Petrogenetic evidence
Contamination of the basalts of the Baghmara Formation of the Sonakhan greenstone belt by continental crust during the magma ascent may be ruled out on the basis of their geochemical characteristics and the presence of the pillowed structure which is consistent with an oceanic, rather than a continental setting. There is also no field evidence to indicate that the Sonakhan greenstone basalts were emplaced in an older continental basement.
The REE patterns of the lower unit basalts of the Baghmara Formation of the Sonakhan greenstone belt are near-flat (slightly LREE-depleted to slightly LREE-enriched) (Fig. 8) and the rock types are subalkaline in composition (Fig. 5). These rocks have positive (to slightly negative) Nb-anomalies (Nb/Nb* = 0.93 – 1.48, mean 1.17, Table 2). All of these features are consistent with an oceanic plateau association generated by a mantle plume. The near-flat REE patterns may have resulted from the high degrees of partial melting in the mantle plume. Nb/Y ratio of the lower unit basalts ranging from 0.10 to 0.14 at the SiO2 level of 47.67 to 51.94%, indicates that the basalts were generated from the high percentage of melting at shallow depth (Greenough et al., 2005). The REE and incompatible multi-element patterns of these basalts are similar to those of many modern, Proterozoic and Neoarchaean ocean islands (Polat, 2009 and references therein). The multi-element patterns of the lower unit also exhibit distinct negative Zr-anomalies (Fig. 9). Their Nb/U ratio ranges from 10.27 to 46.39 which is chondritic to super-chondritic (Nb/U = 31 in chondrite). Similarly the La/U (11.36 – 51.26) and Nb/Th ratios (8.29- 18.59) are also chondritic to super-chondritic (La/U and Nb/Th values in chondrite are 30, 8.5 respectively). The Nb/La ratios (0.67 – 0.91) are sub-chondritic to chondritic (chondrite value is 1.0). These features are considered to be typical of ocean island basalt. Based on the geochemical and the field characteristics, it is proposed that the lower unit basalts of the Baghmara Formation represent an oceanic plateau erupted from a rising mantle plume.
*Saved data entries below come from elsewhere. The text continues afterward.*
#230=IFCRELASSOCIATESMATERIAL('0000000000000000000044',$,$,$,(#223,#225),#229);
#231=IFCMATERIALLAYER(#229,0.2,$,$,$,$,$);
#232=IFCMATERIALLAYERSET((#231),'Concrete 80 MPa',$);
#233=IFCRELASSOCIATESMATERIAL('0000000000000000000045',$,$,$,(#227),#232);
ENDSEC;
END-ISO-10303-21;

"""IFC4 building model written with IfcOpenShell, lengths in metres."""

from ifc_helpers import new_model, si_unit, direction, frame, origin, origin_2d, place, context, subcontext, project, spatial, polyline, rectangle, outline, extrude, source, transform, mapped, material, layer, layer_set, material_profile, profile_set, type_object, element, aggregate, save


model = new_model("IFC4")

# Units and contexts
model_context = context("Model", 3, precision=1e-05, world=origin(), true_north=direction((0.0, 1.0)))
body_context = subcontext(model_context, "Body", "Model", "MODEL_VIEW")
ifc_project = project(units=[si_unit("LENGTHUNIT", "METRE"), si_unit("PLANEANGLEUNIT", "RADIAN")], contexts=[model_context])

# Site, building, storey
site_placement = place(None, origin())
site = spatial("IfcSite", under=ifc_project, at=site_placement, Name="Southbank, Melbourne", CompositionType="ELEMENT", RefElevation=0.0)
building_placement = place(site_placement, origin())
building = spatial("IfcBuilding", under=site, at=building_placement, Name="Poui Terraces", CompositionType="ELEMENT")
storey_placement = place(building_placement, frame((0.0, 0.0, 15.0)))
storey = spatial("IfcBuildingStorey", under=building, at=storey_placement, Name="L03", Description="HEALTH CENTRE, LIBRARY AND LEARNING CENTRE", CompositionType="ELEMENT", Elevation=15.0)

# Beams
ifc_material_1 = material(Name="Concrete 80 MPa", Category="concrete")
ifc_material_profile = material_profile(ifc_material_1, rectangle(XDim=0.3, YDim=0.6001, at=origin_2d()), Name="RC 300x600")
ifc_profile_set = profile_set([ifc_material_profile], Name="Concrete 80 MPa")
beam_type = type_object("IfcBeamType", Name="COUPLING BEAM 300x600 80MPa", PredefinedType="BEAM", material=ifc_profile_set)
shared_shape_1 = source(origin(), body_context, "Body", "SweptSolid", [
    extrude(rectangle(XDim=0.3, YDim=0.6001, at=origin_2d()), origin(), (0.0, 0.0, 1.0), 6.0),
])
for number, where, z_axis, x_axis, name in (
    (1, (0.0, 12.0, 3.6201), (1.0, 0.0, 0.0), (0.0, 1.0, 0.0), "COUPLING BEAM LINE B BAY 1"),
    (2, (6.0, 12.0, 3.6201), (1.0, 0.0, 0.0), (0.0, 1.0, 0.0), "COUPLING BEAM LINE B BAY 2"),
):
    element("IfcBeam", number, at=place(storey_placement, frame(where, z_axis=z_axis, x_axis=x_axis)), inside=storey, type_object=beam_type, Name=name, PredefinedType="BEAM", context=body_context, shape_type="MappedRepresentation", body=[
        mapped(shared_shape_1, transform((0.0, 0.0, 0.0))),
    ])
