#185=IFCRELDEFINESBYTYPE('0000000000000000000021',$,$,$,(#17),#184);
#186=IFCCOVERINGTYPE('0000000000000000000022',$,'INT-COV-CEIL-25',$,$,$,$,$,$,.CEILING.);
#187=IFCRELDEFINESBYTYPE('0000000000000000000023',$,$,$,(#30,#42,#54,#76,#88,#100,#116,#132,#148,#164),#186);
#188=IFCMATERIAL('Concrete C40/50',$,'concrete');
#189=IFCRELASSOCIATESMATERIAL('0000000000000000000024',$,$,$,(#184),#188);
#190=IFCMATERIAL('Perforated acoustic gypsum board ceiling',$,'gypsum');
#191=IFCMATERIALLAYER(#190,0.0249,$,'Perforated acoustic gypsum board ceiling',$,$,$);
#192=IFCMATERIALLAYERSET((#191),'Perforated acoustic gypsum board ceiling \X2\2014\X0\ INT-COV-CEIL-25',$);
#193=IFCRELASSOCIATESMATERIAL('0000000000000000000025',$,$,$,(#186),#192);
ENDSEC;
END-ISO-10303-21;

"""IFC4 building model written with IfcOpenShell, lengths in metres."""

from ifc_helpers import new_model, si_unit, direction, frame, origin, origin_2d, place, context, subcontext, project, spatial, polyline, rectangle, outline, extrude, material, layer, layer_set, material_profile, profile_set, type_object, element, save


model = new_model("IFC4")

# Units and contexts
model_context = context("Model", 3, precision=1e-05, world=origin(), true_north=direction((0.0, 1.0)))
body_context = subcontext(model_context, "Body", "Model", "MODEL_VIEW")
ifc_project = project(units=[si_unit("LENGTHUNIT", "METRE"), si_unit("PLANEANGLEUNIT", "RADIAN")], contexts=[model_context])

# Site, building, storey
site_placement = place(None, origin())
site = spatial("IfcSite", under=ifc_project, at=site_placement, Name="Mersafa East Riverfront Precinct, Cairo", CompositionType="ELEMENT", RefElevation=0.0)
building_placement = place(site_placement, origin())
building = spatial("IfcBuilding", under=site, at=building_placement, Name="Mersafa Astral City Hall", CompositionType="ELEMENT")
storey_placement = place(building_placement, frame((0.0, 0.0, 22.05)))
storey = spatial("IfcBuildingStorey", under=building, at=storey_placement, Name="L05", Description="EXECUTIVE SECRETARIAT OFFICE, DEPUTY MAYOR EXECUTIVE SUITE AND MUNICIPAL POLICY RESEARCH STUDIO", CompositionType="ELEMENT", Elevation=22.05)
Type 1 felsic volcanic rocks with minor negative Nb-anomaly and positive Ti- anomaly may represent differentiated product of plume generated basaltic rock.
The upper unit basalts and the associated type 2 felsic volcanic rocks show chemical characteristics of the island arc volcanic association having larger variations in major and trace elements, ranging from sub-alkaline basalt through andesite, dacite to rhyolite (Fig. 5) forming a BADR (basalt-andesite-dacite-rhyolite) series. Similar patterns have recently been reported from the arc-related Gadwal greenstone belt of the Dharwar craton (Manikyamba and Khanna, 2007). Our samples of the upper unit basalts have distinct Th-Nb-REE systematics. The upper unit basaltic rocks and the type 2 felsic rocks are characterized by the positively fractionated REE patterns (Fig. 8). They also display strong depletion in Nb and Ti relative to Th, LREE and MREE (Fig. 9). Nb/U (2.46-3.77), Nb/Th (0.68 – 1.5) and Nb/La (0.11 – 0.24) ratios are sub-chondritic. They have higher Zr/Y ratios (7.76-10.51) compared to those of the lower unit basalt (0.41- 1.45) of the oceanic plateau association. The REE and the trace element patterns shown by the upper unit basalts and the associated type 2 felsic volcanics are very much similar to those of the volcanic rocks of the island arc setting. Such patterns have been reported from several Arcahean greenstone belts (Hollings and Kerrich, 2000; Wyman et al., 2000; Hollings, 2002; Sanderman et al., 2004).